Italy adopts controversial anti-migrant decree
The Italian government on Monday adopted a heavily-criticised security decree which will make it easier to expel migrants and strip them of Italian citizenship. The new bill is “a step forward to make Italy safer,” far-right Interior Minister Matteo Salvini said on Facebook.
It will help Italy “be stronger in the fight against the mafia and (people) smugglers, reduce the costs of excessive immigration, expel delinquents and fake refugees, strip terrorists of citizenship, (and) give the police greater powers,” Salvini said.
President Sergio Mattarella has 60 days to sign the legislation and then it goes to Parliament for approval. Presenting the decree to journalists alongside Prime Minister Giuseppe Conte, Salvini said the decree streamlines the rules for processing asylum requests and brings Italy into line with other EU countries.
Humanitarian protection — a lower level of asylum status that is based on Italian rather than international law — that was awarded to 25 percent of asylum seekers last year would henceforth be awarded based on six strict criteria.
These include whether there is an urgent medical need or if the applicant was the victim of a natural disaster, or if they had carried out “heroic acts” in Italy. Of the 81,500 decisions handed down by Italian authorities in 2017, eight percent were granted asylum, eight percent subsidiary protection and a quarter humanitarian protection.
The remainder were rejected. If appeals fail, they face the prospect of being classed as economic migrants who must return home. Those seeking refugee status will now have their requests suspended if they are considered “socially dangerous or convicted in the first instance” of crimes, while their appeals are ongoing.
They will also in future be housed in bigger reception centres, while only minors and those with recognised refugee status will be housed in different parts of the country in order to facilitate integration.
There are currently around 155,000 migrants held in reception centres, down from 183,000 at the end of 2017.

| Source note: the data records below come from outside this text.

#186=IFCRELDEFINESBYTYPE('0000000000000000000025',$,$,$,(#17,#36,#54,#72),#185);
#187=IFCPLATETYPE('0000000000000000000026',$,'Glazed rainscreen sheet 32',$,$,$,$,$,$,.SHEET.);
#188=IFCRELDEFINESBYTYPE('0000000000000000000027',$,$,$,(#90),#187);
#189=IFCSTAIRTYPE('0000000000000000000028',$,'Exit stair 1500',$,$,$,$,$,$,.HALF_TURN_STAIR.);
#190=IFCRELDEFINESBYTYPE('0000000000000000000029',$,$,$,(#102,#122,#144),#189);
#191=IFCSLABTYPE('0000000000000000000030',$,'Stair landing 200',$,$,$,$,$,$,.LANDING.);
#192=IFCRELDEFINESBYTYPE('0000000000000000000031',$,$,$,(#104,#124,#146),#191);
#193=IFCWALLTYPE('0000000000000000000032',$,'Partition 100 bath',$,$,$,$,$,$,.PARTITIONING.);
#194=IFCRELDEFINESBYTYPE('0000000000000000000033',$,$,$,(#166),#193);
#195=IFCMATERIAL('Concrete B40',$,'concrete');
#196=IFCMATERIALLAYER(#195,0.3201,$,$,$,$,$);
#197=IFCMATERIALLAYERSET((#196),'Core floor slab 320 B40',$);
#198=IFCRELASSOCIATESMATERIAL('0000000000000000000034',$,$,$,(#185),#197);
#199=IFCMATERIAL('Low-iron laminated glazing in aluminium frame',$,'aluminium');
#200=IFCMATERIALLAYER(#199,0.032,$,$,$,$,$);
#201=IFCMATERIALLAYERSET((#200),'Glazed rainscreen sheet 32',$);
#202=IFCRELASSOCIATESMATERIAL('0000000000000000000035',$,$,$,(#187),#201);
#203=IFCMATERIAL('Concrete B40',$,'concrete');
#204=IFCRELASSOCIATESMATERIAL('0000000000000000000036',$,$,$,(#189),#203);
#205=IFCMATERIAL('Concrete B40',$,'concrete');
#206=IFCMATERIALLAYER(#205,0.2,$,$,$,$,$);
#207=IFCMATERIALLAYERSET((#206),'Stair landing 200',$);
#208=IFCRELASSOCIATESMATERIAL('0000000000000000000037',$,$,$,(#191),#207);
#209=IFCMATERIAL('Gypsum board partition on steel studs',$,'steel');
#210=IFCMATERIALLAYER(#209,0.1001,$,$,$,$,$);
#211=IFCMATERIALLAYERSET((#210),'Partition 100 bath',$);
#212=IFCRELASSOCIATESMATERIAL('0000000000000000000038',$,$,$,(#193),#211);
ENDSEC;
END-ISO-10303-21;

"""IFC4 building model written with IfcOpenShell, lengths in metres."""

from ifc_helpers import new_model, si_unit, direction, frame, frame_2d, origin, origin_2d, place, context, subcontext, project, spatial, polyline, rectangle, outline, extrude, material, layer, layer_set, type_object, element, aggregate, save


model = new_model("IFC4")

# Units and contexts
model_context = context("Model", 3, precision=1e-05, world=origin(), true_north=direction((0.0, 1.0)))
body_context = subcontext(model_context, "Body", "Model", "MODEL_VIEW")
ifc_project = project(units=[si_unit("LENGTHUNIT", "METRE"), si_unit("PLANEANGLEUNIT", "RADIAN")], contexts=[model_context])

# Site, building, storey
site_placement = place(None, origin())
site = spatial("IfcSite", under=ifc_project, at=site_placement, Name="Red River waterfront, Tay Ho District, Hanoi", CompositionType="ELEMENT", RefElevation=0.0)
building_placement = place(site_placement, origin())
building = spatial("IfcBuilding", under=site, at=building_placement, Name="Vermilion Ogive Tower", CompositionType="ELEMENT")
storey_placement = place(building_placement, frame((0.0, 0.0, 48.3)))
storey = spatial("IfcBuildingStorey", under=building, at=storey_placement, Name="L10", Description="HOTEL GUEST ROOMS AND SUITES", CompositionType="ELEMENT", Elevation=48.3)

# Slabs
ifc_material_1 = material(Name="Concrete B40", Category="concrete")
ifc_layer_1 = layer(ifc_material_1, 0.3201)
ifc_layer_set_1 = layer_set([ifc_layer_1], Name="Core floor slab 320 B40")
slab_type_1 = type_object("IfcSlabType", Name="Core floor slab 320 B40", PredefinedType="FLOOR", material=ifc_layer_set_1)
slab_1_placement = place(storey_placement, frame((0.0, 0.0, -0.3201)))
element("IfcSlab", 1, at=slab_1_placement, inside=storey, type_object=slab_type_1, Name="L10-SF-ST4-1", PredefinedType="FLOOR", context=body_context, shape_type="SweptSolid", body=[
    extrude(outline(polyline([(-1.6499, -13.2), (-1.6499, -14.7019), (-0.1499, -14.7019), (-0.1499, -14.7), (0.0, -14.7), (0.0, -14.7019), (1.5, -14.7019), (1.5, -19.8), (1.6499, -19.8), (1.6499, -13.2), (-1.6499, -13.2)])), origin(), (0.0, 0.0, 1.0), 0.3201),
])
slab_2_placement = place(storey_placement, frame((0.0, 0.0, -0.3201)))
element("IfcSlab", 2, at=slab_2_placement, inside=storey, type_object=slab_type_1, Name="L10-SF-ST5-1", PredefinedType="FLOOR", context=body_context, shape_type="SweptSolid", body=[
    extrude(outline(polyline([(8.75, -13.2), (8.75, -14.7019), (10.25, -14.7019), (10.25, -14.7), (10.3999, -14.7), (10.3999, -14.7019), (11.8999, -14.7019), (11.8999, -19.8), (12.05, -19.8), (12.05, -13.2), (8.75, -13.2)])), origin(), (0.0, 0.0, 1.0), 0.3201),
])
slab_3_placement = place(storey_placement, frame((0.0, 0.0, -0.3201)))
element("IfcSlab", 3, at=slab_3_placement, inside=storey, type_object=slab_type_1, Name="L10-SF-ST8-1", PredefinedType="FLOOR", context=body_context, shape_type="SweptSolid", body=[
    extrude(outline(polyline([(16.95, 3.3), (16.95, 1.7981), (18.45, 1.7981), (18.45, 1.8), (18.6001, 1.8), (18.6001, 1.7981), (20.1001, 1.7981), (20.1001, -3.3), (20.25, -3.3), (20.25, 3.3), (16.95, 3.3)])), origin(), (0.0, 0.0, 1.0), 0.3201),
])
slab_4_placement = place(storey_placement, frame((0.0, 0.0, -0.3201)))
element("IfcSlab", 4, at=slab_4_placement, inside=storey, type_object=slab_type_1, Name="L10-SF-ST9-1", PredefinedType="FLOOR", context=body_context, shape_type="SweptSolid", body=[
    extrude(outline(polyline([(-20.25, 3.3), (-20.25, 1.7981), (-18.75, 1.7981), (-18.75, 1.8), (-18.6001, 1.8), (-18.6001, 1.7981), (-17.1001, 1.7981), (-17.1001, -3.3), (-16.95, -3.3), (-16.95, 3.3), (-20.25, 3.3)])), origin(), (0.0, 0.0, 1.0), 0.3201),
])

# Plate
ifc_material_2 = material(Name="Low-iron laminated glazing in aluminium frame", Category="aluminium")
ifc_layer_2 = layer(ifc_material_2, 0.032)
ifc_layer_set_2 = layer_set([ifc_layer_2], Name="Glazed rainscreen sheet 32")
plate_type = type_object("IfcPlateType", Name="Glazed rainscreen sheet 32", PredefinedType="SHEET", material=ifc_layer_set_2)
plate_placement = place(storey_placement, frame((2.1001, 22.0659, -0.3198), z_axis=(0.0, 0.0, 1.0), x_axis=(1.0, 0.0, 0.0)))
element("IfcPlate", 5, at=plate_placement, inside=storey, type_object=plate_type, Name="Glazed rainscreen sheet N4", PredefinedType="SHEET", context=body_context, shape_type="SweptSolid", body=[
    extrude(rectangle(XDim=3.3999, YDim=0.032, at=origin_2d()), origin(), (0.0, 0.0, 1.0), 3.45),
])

The Italian mayors’ association has railed against the change as having hundreds of unemployed migrants in reception centres can have a negative impact on small communities.
‘Bad sign’
The new law also lets local police have Taser stun guns and makes it easier to evict squatters by getting rid of the obligation of finding provisional housing for the most vulnerable.
The controversial bill has been heavily criticised in recent weeks, including by members of the anti-establishment Five Star Movement (M5S) which governs in coalition with Salvini’s far-right League.
One of the most controversial measures in the bill provides for stripping immigrants of their Italian nationality if they are convicted of “terrorism”.
Italian media reported that President Mattarella obtained amendments to the draft after threatening not to sign it, an obligatory step on the bill’s way to parliament.
The cabinet passed the decree unanimously but fellow deputy prime minister and M5S head Luigi di Maio warned that “there are points (in the bill) that are not in the government programme and so will be discussed in parliament.”
The head of Italy’s bishops’ conference Nunzio Galantino has lamented the fact that security and the treatment of migrants are dealt with in the same bill.
“This means that the immigrant is already judged because of his condition and that he’s already considered a public menace, whatever his behaviour. This is a bad sign,” Galantino said.
Salvini, who is also deputy prime minister, has taken a hardline on immigration since the coalition came to power in June, refusing to allow several ships carrying migrants and asylum seekers rescued in the Mediterranean to dock at Italian ports.